Thursday, December 29, 2011

Batallas por la memoria

Las pugnas políticas por contarnos el pasado presente.

En el contexto de la transición, al final del gobierno fujimorista, los sectores progresistas del país promovieron “políticas por la memoria” para impulsar un proceso de reconstrucción histórica de los sucesos causados durante el periodo gobernado por la violencia política y por el autoritarismo que se impusieron en nuestro país durante los ochenta y los noventa. La Comisión de la Verdad y Reconciliación, y su Informe Final, constituyeron no solo la narrativa integral del pasado reciente, sino hasta un instrumento político para ver el futuro desde el reconocimiento de las rupturas sociales que como país padecemos. El Lugar de la Memoria es la continuación de este legado y el reciente nombramiento de Diego García-Sayán, como cabeza de este proyecto, promete mayores niveles de influencia y actividad política que los de sus antecesores.

Sin embargo, la memoria tiene otros campos de batalla que van más allá de las políticas institucionales impulsadas desde el Estado (y sus Gobiernos de turno) para quedar bien con la comunidad internacional. Tanto a nivel mediático como a nivel de base, se reconstruye la historia reciente, se da un tipo de lectura política parcializada y se busca influir en las mentes y en los corazones de los peruanos de manera distinta a la que la izquierda quisiera y persiguiendo intereses particulares.

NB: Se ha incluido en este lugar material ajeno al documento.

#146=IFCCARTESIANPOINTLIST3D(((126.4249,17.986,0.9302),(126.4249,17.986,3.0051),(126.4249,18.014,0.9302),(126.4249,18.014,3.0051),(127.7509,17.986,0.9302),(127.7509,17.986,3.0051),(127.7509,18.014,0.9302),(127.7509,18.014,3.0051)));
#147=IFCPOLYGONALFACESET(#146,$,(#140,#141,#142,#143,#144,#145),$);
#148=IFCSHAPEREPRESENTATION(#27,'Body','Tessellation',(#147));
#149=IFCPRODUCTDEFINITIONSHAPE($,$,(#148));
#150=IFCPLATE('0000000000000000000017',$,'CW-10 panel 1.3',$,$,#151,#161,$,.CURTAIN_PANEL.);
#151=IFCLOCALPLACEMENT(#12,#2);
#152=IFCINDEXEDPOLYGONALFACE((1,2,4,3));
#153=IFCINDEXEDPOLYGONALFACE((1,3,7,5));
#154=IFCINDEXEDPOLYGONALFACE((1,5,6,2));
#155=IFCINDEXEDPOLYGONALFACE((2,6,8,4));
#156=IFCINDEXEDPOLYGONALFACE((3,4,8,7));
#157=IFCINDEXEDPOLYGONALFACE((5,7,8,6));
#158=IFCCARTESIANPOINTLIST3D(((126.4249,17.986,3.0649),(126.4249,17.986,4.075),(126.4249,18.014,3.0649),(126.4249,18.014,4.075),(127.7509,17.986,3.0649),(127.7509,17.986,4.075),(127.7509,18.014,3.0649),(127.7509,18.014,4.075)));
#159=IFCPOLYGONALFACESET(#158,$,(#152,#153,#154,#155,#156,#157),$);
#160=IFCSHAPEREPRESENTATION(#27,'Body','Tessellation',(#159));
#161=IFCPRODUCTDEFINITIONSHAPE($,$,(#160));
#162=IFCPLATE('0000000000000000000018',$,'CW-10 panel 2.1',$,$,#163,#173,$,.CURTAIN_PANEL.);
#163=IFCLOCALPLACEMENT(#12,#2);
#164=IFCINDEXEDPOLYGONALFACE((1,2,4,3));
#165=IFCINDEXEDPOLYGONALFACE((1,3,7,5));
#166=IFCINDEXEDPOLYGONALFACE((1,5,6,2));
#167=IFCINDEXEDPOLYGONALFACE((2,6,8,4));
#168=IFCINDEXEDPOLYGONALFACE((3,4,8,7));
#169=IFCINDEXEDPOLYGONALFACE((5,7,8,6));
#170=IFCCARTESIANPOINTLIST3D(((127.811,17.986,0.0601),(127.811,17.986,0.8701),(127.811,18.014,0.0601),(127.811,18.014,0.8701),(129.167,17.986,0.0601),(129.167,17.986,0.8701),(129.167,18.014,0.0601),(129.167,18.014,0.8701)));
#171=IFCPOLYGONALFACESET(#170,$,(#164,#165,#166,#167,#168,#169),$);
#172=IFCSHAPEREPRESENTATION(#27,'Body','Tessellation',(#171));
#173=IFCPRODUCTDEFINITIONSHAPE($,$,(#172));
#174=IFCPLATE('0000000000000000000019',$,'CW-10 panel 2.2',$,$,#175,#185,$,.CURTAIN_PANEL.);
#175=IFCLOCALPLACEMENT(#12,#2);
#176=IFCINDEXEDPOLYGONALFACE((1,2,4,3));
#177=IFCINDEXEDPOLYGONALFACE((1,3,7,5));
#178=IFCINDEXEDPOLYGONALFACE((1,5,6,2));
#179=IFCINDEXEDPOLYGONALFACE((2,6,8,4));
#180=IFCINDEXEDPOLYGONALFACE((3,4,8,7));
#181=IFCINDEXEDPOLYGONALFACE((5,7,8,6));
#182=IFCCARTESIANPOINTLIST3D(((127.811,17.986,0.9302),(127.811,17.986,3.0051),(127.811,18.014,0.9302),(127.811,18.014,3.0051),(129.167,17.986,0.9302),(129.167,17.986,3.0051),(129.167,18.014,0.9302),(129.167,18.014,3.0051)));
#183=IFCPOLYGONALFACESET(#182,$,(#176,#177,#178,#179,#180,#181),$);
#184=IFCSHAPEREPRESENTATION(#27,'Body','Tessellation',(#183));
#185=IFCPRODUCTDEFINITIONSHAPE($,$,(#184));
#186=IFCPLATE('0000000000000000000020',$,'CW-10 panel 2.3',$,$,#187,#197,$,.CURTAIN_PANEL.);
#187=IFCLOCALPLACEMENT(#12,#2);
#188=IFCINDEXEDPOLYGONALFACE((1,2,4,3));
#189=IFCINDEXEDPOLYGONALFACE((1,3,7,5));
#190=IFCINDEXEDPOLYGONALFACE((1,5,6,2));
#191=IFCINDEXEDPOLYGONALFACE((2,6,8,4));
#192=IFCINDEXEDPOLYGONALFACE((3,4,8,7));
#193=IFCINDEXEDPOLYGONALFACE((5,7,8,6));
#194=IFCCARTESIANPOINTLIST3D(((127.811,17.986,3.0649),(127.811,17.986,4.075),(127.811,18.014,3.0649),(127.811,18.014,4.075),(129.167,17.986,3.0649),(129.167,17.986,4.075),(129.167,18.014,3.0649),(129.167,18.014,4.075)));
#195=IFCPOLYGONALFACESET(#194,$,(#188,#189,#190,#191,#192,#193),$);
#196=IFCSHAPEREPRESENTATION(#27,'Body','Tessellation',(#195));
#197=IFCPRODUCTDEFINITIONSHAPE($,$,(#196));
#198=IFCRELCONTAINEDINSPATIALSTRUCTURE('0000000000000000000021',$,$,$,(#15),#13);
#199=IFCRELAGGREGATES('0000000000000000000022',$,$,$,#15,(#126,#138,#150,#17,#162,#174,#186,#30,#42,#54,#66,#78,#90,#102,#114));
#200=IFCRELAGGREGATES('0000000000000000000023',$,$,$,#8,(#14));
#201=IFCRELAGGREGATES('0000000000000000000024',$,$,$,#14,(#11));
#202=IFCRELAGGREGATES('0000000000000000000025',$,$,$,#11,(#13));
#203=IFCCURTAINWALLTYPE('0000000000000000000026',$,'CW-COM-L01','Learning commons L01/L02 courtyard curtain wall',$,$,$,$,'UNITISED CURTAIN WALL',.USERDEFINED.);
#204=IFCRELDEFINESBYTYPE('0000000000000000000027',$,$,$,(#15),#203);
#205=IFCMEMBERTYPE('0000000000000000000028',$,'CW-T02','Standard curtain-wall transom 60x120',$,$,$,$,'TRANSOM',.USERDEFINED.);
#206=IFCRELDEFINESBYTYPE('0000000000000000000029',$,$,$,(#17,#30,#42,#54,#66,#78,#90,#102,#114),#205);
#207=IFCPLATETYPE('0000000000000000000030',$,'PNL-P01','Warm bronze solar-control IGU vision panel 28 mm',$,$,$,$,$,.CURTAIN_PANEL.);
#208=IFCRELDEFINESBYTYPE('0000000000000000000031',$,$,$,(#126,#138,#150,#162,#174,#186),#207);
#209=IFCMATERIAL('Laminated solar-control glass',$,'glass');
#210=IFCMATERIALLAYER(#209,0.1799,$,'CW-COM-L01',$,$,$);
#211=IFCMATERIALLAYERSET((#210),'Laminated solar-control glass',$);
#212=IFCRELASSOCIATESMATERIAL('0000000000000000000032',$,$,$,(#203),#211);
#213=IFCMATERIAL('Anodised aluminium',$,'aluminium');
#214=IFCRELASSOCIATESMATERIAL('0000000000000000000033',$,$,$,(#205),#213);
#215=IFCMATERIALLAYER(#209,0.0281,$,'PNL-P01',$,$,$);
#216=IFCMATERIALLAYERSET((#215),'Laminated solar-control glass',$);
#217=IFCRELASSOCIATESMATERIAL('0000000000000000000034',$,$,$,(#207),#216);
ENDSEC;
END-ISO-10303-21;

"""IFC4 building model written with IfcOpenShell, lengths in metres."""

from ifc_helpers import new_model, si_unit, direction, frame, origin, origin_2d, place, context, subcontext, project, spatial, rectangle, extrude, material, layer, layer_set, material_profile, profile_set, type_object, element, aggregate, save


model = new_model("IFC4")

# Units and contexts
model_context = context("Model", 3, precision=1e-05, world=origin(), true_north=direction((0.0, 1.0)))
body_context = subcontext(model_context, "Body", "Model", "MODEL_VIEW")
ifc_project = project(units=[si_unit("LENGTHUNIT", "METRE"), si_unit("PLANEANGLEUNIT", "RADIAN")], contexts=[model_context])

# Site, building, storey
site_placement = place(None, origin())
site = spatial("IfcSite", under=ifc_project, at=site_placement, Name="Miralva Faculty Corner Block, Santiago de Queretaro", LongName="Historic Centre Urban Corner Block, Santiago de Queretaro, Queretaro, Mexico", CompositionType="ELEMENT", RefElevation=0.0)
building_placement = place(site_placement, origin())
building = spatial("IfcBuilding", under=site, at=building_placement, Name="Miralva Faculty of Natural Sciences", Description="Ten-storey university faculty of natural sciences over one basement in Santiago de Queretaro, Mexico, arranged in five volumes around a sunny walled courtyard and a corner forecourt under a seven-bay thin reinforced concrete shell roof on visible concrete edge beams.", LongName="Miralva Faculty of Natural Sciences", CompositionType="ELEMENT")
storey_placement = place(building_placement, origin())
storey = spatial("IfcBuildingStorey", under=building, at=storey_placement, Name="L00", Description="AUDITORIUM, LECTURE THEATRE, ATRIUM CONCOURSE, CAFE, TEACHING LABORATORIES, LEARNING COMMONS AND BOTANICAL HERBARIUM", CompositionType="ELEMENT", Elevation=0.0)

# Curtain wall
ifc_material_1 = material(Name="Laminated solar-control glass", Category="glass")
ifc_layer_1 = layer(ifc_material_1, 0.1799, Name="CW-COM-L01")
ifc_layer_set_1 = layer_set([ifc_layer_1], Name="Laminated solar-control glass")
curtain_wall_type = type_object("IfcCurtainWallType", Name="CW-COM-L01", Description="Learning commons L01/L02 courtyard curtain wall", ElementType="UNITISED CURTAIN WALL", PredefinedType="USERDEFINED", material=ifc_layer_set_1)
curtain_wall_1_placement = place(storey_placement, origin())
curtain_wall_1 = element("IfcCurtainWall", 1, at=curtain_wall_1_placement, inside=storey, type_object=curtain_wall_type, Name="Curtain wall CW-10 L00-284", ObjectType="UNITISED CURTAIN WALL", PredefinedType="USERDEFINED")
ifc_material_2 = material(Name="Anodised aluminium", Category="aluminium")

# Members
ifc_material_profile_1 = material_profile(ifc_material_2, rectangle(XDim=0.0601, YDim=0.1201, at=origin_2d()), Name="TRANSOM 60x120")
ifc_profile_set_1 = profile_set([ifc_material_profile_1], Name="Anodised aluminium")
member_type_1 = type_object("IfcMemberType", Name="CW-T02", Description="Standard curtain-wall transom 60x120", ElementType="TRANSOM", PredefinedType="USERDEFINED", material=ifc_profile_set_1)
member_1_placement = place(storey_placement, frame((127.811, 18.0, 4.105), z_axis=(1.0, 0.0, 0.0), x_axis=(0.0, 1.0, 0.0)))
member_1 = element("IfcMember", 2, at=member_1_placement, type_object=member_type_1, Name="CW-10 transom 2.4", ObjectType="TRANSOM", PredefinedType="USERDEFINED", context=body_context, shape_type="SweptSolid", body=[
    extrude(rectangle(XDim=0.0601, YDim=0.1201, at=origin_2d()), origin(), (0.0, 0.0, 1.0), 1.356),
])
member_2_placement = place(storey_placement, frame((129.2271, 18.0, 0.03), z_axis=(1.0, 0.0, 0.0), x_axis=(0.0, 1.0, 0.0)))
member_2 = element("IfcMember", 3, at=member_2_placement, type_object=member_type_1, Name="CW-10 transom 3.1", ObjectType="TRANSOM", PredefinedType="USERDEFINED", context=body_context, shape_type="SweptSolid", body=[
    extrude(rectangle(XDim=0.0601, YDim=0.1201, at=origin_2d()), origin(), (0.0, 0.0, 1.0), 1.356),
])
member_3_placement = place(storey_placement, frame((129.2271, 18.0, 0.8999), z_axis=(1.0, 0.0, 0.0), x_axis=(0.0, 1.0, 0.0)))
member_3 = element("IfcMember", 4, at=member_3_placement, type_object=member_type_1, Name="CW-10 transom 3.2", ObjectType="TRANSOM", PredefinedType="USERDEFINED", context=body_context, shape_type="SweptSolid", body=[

Durante la última campaña electoral, ha quedado demostrado que el fujimorismo ha logrado construir su propia narrativa del país. Casi desaparecidos políticamente durante la transición, el fujimorismo fue, en su peor momento, casi una secta, círculos de reunión de feligreses políticos que mantenían el recuerdo agradecido por un mandatario durante cuya gestión el terrorismo y la hiperinflación dejaron de ser amenazas cotidianas. El respeto a los derechos humanos queda, lamentablemente, fuera de esa interpretación. No importa, el fin justifica los medios, y Fujimori termina imponiendo su diccionario propio: clientelismo es Estado, autoritarismo es autoridad. Si Usted, estimado lector, comparte este glosario, es porque no tuvo reparos para marcar la K durante la elección pasada. La alta aprobación que tiene un posible indulto al ex presidente no es más que la evidencia que el fujimorismo va ganando la batalla por la memoria en la arena de la cultura política.

Mientras tanto, en la cancha de los grandes medios, el conservadurismo le da una mano al fujimorismo. De acuerdo con la postura predominante, cualquier dirigente social que encabeza una movilización es “radical” y si se tiene pasado subversivo se debería permanecer en la cárcel. Lori Berenson y Wilfredo Saavedra siguen siendo “terroristas”. No importa que den la cara y que no estén escondidos en el monte. El pasado condena (pero no a Yehude Simon cuyo paso por la PCM le “blanqueó” políticamente). Se quiere desaparecer la tradición “radical” (de izquierda) a punta de portadas que meten miedo como si fuera tan fácil como levantar la alfombra.

El pasado sigue siendo presente cuando no se ha aprendido nada, como lo demuestran los titulares de su prensa favorita. Se busca tapar la insatisfacción con un dedo. Mientras el sistema político siga siendo perverso para las mayorías, habrá leña para encender la pradera. Las prédicas violentistas y antidemocráticas no se enfrentan con rencor ni con macartismo medieval, sino con un Estado que respete a todos sus ciudadanos por igual, desde aquél que se siente orgulloso del nuevo Starbucks en la esquina de su casa, hasta aquél que llena de piedras el zapato de tu incomprensión.

Publicado en Correo Semanal, 29 de Diciembre del 2011.

1 Comments:

Anonymous lucho apaza said...

Jorobado: Tal vez nunca se hizo un trabajo serio por mostrar una version respetuosa de la memoria nacional en la epoca del terroismo. Quiza el mayor error de la CVR fue pensar que, al desaparecer el fujimorismo en un maremoto de delincuencia, 25 millones de peruanos aceptarian "automaticamente" una "memoria" construida desde las elites, sin pensar que Ayacucho, San Martin, y los barrios perifericos de Lima vivieron el terror de modos muy diferentes.

La historia no se escribe hasta que pase una o dos generaciones. Un error de la elite academica ha sido escribir historia con protagonistas vivos, forzar una "memoria" de hechos presentes, cuando aun en el VRAE las papas queman, hay comandos "chavines" vivos y Lori Berenson vive entre nosotros cual burguesa ama de casa. Ahi aprovecha el fujimorismo clientelista y cultor de la pendejada (que aun vive tambien entre nosotros) que ha construido una narracion efectista y hueca, aunque va venciendo porque dice lo que las masas quieren oir, algo mas cercano al discurso intelectual.